The telephone rang. She jumped at the sudden noise, then went into the kitchen and answered it. “Hello?”
“Teddy,” said Lewis Strathairn, her old boss, Oscar’s longtime lawyer. “It’s me.”
“Oh, hello, Lewis!” she said. “That’s funny, Lila and I were just talking about you. How are you today?”
“I’ve got a touch of a summer cold,” he said, “but other than that I’m all right.”
The subject of Lewis’s health was an old joke between them; Lewis was never sick, but he was constantly convinced that he was about to be.
“You don’t sound like you have a cold,” said Teddy.
“Just a tickle in the back of my throat. Teddy, I miss you.”
“I miss you, too,” she said, realizing that it was true as she said it, although she hadn’t thought much about him since the last time she’d seen him, a couple of months before.
“Can you come into town today and have lunch with me? I can send Benny for you.”
Lewis lived on East Seventy-seventh Street in an apartment Teddy found cluttered and antiseptic. Benny was the driver of his Town Car.
“I can’t, Lewis,” she said. “I’m sorry, I have Oscar’s biographer, or one of them, coming for lunch.”
“So Oscar’s biography is finally getting written.”
“Actually,” she said, “there are two of them.” She stretched the phone cord and went to the sink and filled a blue crackle-glazed vase with water, then put the roses into it. They looked pleasingly blowsy and decadent.
“Two,” Lewis said.
Teddy had first gone to work for Lewis in 1957. Back then, he had been the balding, affably witty husband of a B-movie actress, who left him in 1979, predictably, for the director of a film she was starring in. Since then, he’d lived alone in his bachelor digs, his torch for Teddy burning bright. Teddy loved and respected Lewis and enjoyed his company tremendously, but his passionate adoration of her had always served, ironically, as a barrier to further intimacy; the strength of his desire created a hazy miragelike force field around him. She couldn’t see him clearly enough to desire him.
“That’s right,” said Teddy.
“I’ll call you again soon,” said Lewis. “I do miss you.”
“I’ll be here,” she said, and they rang off.
She set the vase of roses on the dining room table. Looking through the front window of the living room, she could see kids hanging out, half-grown pups of various shades of brown. Oscar had loved all the earlier incarnations of these kids.

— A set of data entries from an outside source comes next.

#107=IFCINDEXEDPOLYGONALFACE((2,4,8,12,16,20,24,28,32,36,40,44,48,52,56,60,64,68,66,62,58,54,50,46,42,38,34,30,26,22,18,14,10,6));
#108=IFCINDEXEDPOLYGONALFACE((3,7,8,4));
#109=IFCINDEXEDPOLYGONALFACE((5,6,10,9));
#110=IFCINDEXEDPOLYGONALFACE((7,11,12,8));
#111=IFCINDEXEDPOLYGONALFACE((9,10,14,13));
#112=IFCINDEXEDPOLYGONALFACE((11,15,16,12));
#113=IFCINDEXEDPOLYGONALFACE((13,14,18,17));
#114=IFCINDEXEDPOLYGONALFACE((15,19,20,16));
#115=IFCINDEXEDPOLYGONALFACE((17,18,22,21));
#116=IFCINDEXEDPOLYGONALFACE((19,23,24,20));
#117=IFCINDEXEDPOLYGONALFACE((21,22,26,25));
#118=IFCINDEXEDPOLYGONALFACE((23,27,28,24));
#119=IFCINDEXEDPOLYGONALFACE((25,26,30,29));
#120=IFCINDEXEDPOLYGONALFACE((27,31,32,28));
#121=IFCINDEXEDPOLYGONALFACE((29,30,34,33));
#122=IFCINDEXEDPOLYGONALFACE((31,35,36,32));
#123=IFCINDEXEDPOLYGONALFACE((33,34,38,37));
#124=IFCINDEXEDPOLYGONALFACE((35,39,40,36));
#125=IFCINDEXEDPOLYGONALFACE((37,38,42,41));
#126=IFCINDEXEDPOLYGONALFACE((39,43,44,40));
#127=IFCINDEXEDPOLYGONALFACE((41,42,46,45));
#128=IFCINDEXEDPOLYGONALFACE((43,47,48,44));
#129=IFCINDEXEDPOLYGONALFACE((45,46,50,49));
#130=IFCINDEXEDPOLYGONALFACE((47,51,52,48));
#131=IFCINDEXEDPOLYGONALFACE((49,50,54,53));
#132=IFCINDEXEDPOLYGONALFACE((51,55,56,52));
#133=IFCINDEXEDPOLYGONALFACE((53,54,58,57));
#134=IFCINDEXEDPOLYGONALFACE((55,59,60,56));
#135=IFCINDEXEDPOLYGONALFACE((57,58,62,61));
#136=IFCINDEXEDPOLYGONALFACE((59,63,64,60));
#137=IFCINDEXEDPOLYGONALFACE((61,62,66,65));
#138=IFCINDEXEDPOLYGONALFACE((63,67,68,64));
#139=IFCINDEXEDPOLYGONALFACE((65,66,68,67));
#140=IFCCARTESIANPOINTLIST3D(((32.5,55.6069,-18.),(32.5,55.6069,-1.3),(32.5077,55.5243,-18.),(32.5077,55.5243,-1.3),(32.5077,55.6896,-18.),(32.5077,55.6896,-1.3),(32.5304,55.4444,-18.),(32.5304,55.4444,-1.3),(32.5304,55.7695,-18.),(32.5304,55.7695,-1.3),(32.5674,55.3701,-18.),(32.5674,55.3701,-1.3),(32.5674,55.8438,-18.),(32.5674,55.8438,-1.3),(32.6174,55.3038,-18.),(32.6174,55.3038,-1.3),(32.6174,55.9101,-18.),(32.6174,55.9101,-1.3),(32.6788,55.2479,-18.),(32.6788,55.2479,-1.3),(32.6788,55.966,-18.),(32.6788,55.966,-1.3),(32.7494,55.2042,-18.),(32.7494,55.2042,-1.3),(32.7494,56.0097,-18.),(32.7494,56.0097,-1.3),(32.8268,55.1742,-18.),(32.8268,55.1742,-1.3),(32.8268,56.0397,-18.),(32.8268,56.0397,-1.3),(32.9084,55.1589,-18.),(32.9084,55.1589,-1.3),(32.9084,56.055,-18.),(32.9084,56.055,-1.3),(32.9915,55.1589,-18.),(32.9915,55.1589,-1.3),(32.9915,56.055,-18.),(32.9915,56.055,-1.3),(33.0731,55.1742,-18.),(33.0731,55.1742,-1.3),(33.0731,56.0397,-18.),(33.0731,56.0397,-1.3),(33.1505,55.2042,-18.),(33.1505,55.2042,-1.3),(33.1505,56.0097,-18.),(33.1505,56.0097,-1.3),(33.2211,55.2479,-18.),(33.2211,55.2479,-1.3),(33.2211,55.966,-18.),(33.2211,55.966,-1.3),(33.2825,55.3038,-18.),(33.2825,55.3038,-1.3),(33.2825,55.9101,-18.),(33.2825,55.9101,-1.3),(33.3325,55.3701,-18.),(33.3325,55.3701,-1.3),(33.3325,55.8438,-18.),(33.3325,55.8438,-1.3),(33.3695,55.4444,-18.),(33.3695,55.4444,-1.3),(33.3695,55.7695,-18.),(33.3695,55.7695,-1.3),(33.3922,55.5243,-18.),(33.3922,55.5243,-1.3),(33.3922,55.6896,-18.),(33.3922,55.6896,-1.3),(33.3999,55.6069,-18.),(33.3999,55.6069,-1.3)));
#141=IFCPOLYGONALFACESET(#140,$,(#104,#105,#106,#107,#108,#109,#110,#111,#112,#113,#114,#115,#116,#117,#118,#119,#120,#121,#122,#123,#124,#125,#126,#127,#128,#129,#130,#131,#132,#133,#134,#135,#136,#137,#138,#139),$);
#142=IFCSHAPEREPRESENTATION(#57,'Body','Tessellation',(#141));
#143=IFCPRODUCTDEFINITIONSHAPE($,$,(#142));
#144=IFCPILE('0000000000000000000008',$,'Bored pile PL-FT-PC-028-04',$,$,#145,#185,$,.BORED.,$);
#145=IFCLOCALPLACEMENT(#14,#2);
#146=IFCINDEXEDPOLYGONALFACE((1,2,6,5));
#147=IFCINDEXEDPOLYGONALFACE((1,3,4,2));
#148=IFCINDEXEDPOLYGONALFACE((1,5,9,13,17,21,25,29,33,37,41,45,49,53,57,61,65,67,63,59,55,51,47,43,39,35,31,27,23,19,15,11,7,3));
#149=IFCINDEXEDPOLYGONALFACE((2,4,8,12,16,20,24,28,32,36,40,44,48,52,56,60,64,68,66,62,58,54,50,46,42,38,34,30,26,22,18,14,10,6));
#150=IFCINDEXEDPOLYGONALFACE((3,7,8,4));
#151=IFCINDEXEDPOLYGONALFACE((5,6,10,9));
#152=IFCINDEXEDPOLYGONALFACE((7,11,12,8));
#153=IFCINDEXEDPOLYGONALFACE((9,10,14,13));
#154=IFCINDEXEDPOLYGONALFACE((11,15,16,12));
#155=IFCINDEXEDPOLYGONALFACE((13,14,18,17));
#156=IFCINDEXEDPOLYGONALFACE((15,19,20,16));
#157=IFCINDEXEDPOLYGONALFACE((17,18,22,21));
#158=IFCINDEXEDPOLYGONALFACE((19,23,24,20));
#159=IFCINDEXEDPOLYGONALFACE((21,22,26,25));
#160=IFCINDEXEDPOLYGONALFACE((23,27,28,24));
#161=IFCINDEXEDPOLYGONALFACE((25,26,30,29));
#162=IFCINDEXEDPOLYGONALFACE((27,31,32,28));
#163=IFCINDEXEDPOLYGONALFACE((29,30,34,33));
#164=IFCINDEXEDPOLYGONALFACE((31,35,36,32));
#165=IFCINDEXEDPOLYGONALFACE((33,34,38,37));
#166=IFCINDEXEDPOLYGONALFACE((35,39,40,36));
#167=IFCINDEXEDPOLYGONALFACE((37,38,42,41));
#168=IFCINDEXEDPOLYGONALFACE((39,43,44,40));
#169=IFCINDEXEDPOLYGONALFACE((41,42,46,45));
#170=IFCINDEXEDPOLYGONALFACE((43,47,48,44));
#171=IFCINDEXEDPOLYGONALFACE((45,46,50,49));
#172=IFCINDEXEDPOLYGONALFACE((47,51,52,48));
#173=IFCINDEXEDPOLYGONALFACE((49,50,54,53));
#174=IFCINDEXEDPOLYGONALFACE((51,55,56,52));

He’d been fascinated by their music, their clothes, their indeterminate ethnicities and aggressively fake Puerto Rican accents, fake because they’d all been born right here, which he knew because Oscar was what used to be called “a nosey parker.” He had prowled the blocks around the Calyer Street house, befriending the Polish store clerks up on Manhattan Avenue, stopping to talk to young mothers, snooping around, eavesdropping. Teddy remembered how he’d perched on her living room couch, staring out in the window like a big cat, gossiping with Ruby about the passersby with the nicknames he’d invented for them. “There goes Melanie,” he said about a young mother with melon-size breasts. “She’s talking to Smoking Man. Hey, it looks like Bambi’s pregnant. Did you know that? Wonder who the father is! Maybe it’s Dingbat. Think Dingbat knocked up Bambi? I saw him sweet-talking her a while ago.” Ruby had chimed in with whatever information she could muster up about the neighbors, beaming whenever he praised her for giving him something juicy.